13/1/2007, Sábado de la 1ª semana de Tiempo Ordinario
Hebreos 4, 12-16; Sal 18. 8. 9. 10. 15; san Marcos 2, 13-17

Son ya tantos los comentarios que creo que ya he escrito alguna vez sobre las películas que tratan la vida de Jesús. Gustar, gustar, lo que se dice gustar, no me gusta ninguna. Las hay más fieles al Evangelio, con más ritmo narrativo, más lentas o con mejores efectos, pero un rato personal de lectura del Santo Evangelio supera con mucho la película más valorada. Me parece que Jesús siempre aparece como con “algo raro,” un hálito de ser misterioso que me da un poco de grima. Jesús no puede ser así, alguien rarito, extraño, un pedazo de expediente X caminando por Galilea. Eso sólo atraería a otros locos, zumbados o curiosos personajes de esa época.

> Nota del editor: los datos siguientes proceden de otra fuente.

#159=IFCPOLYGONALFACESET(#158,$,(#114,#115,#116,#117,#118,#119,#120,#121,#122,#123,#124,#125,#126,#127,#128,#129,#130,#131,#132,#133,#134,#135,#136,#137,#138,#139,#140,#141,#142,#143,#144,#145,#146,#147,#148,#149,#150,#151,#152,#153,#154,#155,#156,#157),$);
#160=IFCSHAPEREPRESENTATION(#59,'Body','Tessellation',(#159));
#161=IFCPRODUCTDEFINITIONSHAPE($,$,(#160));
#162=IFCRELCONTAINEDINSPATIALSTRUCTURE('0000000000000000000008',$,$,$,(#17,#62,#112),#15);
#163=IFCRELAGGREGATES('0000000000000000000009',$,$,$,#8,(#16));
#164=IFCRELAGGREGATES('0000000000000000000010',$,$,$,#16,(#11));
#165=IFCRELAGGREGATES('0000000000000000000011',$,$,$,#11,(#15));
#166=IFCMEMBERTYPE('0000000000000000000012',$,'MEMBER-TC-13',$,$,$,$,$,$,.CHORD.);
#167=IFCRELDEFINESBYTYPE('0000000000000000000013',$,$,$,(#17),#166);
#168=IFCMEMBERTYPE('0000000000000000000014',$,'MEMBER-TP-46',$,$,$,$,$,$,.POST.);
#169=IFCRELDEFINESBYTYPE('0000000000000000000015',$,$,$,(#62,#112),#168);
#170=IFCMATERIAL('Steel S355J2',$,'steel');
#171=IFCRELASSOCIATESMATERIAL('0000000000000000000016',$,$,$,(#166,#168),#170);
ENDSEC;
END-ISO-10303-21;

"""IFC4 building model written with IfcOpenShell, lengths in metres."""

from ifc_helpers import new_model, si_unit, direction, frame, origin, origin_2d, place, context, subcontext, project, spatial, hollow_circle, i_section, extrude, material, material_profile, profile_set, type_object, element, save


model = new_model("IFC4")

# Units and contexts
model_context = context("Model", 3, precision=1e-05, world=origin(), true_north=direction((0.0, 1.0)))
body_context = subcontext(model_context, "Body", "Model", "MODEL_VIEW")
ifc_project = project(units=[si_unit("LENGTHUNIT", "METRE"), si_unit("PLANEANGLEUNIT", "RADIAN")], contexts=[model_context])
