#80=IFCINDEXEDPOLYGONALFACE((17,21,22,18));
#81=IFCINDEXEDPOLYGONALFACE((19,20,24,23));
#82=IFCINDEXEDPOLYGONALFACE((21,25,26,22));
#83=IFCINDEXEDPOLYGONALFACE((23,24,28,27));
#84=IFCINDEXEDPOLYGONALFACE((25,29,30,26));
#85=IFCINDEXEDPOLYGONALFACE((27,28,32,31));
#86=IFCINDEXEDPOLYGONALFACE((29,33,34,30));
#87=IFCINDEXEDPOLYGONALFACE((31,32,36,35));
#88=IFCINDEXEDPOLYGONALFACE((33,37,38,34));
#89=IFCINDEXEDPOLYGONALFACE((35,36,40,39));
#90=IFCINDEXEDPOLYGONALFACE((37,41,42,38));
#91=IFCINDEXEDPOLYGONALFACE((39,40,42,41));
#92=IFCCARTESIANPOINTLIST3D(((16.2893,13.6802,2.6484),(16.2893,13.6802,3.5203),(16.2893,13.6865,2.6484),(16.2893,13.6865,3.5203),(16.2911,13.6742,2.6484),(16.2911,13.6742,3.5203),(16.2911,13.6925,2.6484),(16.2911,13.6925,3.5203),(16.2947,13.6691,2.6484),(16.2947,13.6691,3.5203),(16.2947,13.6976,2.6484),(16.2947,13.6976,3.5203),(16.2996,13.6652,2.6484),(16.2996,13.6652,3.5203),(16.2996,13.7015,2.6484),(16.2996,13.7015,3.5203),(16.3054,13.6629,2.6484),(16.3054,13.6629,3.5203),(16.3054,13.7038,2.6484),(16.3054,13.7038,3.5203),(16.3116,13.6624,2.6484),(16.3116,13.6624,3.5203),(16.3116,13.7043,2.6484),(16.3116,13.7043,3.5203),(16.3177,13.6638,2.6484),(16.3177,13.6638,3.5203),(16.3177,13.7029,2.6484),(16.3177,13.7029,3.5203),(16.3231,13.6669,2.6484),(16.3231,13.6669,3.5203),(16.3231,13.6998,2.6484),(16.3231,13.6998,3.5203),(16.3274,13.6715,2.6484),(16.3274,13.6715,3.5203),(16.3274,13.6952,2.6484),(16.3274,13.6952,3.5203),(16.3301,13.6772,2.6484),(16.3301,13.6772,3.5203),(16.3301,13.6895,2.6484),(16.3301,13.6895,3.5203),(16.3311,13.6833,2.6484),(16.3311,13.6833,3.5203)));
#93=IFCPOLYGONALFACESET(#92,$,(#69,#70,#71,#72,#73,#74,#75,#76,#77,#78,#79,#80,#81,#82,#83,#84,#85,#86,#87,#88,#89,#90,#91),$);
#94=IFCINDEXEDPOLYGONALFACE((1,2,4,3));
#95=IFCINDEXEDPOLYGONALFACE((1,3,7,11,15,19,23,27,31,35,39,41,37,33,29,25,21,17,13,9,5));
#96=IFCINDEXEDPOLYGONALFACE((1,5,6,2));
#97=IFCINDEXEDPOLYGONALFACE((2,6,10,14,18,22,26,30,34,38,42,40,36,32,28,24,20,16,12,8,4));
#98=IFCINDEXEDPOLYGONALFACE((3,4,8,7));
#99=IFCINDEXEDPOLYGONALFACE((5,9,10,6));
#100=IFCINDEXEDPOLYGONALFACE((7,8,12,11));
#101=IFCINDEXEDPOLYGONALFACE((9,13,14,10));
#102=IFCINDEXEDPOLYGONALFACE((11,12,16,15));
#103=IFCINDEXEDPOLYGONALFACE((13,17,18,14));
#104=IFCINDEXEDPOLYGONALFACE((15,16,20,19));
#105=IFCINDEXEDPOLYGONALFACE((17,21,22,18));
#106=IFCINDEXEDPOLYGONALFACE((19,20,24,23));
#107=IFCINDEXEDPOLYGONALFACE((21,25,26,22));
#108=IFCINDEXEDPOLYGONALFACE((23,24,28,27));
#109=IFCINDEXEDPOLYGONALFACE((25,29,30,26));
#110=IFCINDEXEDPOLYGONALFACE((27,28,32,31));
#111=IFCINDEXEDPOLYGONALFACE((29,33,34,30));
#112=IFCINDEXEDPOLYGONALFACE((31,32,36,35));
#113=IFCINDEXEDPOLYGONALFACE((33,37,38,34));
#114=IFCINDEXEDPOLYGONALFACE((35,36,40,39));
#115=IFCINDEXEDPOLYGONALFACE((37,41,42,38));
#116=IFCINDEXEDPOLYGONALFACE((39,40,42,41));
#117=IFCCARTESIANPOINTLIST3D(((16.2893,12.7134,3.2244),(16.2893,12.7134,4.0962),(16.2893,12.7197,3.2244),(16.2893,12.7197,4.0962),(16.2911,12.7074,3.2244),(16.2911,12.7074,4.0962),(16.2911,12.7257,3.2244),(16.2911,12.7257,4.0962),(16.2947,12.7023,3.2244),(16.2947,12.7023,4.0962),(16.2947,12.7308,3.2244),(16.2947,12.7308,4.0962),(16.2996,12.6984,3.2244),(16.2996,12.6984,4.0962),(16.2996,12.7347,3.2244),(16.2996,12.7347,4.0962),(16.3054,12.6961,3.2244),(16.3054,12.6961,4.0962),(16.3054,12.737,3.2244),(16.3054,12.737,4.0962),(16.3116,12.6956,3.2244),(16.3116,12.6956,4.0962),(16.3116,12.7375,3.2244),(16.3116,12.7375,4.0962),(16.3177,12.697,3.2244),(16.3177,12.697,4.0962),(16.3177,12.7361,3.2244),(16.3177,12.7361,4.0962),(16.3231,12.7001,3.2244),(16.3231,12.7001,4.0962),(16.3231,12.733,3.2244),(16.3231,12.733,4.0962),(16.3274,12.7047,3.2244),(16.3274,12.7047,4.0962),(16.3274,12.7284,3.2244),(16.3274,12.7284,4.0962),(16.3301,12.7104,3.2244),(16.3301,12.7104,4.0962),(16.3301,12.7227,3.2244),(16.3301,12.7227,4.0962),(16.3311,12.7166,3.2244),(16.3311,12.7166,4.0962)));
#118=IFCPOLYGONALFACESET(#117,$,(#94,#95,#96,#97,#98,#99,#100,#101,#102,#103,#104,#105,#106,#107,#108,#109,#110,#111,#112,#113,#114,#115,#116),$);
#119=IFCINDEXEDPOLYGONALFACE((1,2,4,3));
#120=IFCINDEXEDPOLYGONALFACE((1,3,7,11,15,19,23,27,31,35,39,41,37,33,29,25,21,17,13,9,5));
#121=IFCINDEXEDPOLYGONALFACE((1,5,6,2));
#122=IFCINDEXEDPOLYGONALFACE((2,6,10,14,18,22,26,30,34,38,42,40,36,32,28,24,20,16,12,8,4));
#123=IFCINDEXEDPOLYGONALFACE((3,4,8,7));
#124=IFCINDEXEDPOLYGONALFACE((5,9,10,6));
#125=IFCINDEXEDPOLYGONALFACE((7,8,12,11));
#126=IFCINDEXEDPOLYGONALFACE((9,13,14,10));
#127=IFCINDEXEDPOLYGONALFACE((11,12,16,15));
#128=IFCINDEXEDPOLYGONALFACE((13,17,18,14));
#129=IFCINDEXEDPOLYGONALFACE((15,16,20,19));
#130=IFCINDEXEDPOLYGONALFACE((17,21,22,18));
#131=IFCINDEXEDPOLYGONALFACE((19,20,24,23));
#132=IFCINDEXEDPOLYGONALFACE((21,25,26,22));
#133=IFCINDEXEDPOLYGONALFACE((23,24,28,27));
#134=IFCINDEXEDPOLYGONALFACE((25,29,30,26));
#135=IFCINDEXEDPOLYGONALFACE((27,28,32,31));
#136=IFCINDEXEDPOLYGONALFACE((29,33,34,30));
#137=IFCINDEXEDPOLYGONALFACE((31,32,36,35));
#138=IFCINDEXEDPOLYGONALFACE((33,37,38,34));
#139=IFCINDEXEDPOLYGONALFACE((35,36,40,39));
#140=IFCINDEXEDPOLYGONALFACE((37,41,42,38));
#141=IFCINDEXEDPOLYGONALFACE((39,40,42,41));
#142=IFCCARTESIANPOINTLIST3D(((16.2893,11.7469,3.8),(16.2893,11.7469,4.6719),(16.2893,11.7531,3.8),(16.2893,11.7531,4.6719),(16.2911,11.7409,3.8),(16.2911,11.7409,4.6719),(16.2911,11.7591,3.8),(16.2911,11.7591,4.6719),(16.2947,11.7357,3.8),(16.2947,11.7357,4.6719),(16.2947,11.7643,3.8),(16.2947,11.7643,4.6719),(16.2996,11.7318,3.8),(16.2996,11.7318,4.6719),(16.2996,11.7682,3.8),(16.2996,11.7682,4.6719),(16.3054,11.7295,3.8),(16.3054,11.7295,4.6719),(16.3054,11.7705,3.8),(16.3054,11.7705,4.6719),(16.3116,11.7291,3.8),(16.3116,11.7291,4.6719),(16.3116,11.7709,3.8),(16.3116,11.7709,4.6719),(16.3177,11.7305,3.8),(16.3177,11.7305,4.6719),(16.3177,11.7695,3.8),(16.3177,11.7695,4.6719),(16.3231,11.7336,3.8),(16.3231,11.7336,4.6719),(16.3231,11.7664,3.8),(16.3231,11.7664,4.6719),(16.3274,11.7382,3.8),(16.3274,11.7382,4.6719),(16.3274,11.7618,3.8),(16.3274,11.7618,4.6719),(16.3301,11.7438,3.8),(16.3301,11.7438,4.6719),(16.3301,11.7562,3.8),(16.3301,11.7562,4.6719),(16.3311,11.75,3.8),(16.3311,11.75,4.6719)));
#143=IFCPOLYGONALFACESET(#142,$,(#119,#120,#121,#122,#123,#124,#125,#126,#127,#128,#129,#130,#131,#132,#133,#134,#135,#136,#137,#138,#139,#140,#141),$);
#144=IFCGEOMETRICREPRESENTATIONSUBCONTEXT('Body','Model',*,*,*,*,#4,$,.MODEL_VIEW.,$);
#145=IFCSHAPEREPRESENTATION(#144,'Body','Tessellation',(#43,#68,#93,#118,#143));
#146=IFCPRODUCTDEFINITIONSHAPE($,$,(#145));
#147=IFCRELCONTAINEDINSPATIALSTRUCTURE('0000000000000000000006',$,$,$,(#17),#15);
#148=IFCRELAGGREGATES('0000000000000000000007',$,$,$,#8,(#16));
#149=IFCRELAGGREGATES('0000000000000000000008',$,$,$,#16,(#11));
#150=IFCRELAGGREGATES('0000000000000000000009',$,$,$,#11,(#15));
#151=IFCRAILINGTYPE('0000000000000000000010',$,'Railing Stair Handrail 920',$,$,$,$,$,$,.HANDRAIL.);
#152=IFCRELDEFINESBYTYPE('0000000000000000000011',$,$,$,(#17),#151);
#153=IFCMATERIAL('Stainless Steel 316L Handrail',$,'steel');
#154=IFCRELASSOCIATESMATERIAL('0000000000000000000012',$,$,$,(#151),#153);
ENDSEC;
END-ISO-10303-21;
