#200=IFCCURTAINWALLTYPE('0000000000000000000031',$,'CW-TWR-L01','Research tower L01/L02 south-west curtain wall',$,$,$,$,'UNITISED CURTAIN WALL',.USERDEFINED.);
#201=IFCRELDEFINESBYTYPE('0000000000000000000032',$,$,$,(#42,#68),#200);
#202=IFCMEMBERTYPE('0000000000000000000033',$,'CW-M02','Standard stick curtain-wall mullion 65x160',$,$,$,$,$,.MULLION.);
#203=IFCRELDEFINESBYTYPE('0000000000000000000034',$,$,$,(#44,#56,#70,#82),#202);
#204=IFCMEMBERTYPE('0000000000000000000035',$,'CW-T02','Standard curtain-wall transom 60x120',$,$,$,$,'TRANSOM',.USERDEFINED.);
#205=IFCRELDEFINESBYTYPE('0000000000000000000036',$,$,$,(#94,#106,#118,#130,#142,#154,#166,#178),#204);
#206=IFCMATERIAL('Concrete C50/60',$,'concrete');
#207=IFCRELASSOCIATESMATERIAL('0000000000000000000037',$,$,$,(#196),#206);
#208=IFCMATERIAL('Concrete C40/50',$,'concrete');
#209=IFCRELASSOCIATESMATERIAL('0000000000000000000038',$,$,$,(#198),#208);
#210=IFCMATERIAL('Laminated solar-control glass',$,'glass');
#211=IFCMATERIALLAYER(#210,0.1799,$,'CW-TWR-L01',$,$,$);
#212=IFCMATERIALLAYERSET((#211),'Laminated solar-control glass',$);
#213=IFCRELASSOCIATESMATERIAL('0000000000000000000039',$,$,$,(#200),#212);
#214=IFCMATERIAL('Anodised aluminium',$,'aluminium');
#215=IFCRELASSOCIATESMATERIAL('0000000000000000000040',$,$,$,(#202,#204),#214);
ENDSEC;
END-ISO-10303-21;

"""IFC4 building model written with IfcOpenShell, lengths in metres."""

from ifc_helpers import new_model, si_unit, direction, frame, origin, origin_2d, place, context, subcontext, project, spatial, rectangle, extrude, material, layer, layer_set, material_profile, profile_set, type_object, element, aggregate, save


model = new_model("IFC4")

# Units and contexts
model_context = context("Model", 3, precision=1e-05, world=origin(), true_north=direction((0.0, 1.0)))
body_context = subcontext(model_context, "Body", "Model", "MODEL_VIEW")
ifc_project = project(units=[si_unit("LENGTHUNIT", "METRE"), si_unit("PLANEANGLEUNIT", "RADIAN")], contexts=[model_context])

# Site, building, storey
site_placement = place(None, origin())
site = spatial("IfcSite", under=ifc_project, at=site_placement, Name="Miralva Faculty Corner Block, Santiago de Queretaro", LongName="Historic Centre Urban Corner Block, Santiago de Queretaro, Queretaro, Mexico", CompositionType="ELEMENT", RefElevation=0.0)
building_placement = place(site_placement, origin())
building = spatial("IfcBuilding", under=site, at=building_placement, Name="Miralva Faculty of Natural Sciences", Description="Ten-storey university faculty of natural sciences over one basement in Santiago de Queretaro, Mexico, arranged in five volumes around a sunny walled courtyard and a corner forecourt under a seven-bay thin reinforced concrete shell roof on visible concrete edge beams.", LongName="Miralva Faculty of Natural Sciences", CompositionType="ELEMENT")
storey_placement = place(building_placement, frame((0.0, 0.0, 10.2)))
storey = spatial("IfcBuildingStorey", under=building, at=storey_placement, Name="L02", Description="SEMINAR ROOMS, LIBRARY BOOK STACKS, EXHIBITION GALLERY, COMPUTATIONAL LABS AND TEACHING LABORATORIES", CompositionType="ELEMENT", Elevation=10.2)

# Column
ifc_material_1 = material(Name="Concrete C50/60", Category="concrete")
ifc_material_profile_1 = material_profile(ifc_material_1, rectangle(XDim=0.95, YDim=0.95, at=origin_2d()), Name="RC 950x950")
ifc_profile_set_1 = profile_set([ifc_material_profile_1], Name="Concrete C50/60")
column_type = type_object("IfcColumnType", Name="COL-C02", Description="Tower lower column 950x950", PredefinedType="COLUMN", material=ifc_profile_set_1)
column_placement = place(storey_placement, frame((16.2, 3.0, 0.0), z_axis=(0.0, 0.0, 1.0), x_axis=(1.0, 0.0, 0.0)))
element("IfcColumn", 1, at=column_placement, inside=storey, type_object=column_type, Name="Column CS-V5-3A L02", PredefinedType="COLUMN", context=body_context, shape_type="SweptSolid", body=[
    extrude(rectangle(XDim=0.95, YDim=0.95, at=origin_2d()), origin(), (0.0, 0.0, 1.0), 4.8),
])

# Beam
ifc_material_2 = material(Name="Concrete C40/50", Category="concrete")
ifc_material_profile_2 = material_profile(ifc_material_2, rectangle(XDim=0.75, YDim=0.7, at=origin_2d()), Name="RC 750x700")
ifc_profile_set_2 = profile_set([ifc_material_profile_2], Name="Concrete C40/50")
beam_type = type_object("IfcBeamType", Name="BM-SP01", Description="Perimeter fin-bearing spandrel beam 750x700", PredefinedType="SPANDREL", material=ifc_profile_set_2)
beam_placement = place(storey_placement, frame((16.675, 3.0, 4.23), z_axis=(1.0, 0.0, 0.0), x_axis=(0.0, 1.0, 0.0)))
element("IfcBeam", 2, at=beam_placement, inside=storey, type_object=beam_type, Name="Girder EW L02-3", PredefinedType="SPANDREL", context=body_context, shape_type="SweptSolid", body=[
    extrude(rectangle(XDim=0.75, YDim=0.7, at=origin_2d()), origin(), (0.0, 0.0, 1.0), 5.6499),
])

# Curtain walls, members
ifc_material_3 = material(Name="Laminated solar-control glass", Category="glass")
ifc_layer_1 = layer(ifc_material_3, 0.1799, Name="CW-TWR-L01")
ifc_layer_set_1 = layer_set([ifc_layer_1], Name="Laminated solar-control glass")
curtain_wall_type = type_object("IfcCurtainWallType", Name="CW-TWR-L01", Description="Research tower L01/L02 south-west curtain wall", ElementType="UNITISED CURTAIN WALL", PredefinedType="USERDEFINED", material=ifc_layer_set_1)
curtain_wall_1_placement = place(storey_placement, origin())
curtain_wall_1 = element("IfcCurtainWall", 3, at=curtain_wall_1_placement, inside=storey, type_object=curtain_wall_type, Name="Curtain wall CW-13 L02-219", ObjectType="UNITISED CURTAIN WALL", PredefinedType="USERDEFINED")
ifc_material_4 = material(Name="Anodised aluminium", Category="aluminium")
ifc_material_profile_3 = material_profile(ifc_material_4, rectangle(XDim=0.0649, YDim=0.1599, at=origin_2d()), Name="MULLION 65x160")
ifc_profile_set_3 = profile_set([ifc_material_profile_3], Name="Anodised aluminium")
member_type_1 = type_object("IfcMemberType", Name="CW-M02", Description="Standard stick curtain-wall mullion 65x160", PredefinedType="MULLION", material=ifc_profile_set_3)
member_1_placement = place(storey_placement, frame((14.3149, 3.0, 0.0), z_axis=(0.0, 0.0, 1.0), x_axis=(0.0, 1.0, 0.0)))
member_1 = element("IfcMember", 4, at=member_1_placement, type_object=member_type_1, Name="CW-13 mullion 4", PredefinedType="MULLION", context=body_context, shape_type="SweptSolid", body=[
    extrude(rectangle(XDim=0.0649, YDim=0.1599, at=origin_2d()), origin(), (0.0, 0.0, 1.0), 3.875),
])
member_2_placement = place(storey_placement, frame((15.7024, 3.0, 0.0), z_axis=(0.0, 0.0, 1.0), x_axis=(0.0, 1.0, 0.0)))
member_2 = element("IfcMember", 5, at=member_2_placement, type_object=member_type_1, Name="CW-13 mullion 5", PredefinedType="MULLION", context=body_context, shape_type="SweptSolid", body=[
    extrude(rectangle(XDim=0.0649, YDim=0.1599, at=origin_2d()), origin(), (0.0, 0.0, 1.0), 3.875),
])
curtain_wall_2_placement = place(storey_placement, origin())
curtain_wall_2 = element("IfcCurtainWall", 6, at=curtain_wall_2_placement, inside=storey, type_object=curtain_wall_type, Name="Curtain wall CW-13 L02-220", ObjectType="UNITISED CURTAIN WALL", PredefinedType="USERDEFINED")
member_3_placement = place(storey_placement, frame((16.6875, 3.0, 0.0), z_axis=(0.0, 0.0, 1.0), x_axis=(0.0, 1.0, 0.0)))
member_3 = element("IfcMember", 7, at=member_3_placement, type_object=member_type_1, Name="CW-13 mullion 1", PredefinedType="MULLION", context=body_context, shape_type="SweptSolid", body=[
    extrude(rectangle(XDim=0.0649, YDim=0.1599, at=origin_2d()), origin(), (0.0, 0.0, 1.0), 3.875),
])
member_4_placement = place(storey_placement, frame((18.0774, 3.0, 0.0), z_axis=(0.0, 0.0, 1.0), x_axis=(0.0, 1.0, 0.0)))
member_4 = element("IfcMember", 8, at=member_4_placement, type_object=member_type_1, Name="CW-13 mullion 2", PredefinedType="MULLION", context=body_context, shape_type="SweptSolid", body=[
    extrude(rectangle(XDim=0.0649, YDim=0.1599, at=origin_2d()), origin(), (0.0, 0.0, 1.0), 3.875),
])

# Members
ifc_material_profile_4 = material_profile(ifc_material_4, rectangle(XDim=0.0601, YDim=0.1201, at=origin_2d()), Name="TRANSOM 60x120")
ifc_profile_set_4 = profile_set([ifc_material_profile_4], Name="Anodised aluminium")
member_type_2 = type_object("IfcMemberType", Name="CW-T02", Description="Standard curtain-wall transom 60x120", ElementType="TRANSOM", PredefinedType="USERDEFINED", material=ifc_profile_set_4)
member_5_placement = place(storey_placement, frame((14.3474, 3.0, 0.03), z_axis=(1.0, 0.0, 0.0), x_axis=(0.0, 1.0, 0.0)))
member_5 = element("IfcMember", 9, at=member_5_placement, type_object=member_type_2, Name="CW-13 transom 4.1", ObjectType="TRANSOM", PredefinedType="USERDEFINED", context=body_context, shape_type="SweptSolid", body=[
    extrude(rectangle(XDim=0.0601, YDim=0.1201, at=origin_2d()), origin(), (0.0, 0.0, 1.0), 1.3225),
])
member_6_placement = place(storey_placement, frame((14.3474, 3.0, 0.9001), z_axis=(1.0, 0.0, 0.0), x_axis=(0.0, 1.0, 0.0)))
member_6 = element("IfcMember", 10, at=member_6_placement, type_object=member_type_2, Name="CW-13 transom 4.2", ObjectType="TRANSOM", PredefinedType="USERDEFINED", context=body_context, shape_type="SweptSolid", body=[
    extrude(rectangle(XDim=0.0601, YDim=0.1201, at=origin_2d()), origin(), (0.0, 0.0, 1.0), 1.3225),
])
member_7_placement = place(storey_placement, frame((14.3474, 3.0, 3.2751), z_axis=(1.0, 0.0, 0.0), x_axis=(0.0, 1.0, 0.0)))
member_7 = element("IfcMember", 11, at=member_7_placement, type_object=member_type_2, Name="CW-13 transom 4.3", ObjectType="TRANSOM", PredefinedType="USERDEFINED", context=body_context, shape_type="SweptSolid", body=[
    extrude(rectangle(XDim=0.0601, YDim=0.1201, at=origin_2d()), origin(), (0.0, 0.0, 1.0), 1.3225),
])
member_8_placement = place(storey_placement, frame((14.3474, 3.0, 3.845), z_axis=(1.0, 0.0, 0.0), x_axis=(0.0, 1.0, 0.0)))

“No tenemos un sumo sacerdote incapaz de compadecerse de nuestras debilidades, sino que ha sido probado en todo exactamente como nosotros, menos en el pecado. Por eso, acerquémonos con seguridad al trono de la gracia, para alcanzar misericordia y encontrar gracia que nos auxilie oportunamente.” Jesús es Dios y hombre. Esa simple y breve afirmación contiene algo esencial de nuestra fe. Si Jesús fuese un hombre fingido, un extraño para nosotros, nos provocaría un cierto rechazo. Un ser superior, tremendamente distante, puede provocar sumisión y podemos esperar de él clemencia, pero no podría suscitar amor y derramar misericordia. Un hombre como nosotros podría comunicarnos un mensaje, enseñarnos algunas actitudes para acercarnos a la divinidad, pero no podría hacernos a Dios cercano. Jesús es Dios y por eso tenemos a Dios tan cerca de nosotros, Dios se hace hombre y por eso se compadece de nosotros, nos tiende una mano.

“La palabra de Dios es viva y eficaz, más tajante que espada de doble filo, penetrante hasta el punto donde se dividen alma y espíritu, coyunturas y tuétanos. Juzga los deseos e intenciones del corazón. No hay criatura que escape a su mirada. Todo está patente y descubierto a los ojos de aquel a quien hemos de rendir cuentas.” Esa es la grandeza de Jesús, que ninguna película puede reflejar. Jesús no conoce muy bien la Palabra de Dios, Él mismo es la Palabra de Dios encarnada y por eso penetra en el alma de los que se encuentran con Él, ayer, hoy y siempre.

“Sígueme.” A Jesús no le hacen falta más palabras. No expone su ideología, su “hoja de ruta” para un mundo nuevo, ni su ideario político. Jesús no era un iluminado, ni un magnífico orador, ni un gran visionario. Jesús es el hombre verdadero, el hombre que Dios creó -a imagen de Dios lo creó-, y que descubre a cada hombre su verdad, lo que él debería ser, a lo que está llamado a ser y el pecado se lo impide.

Por eso para los cristianos es necesaria la contemplación, dejarnos de muchas palabras y escuchar, mirar y detenernos ante Jesucristo. Olvidarnos un poco del “qué” para llegar hasta el “quien.” Sólo hay un nombre que pueda salvarnos, sólo hay un médico para nosotros, pobres enfermos.

María vio, palpó y sintió como la Palabra de Dios se iba gestando en su interior, la acunó en sus brazos, la  vio crecer y desarrollarse. Para ella la palabra de Dios tenía un nombre: Jesús. Acudamos muchas veces bajo la protección de ese nombre.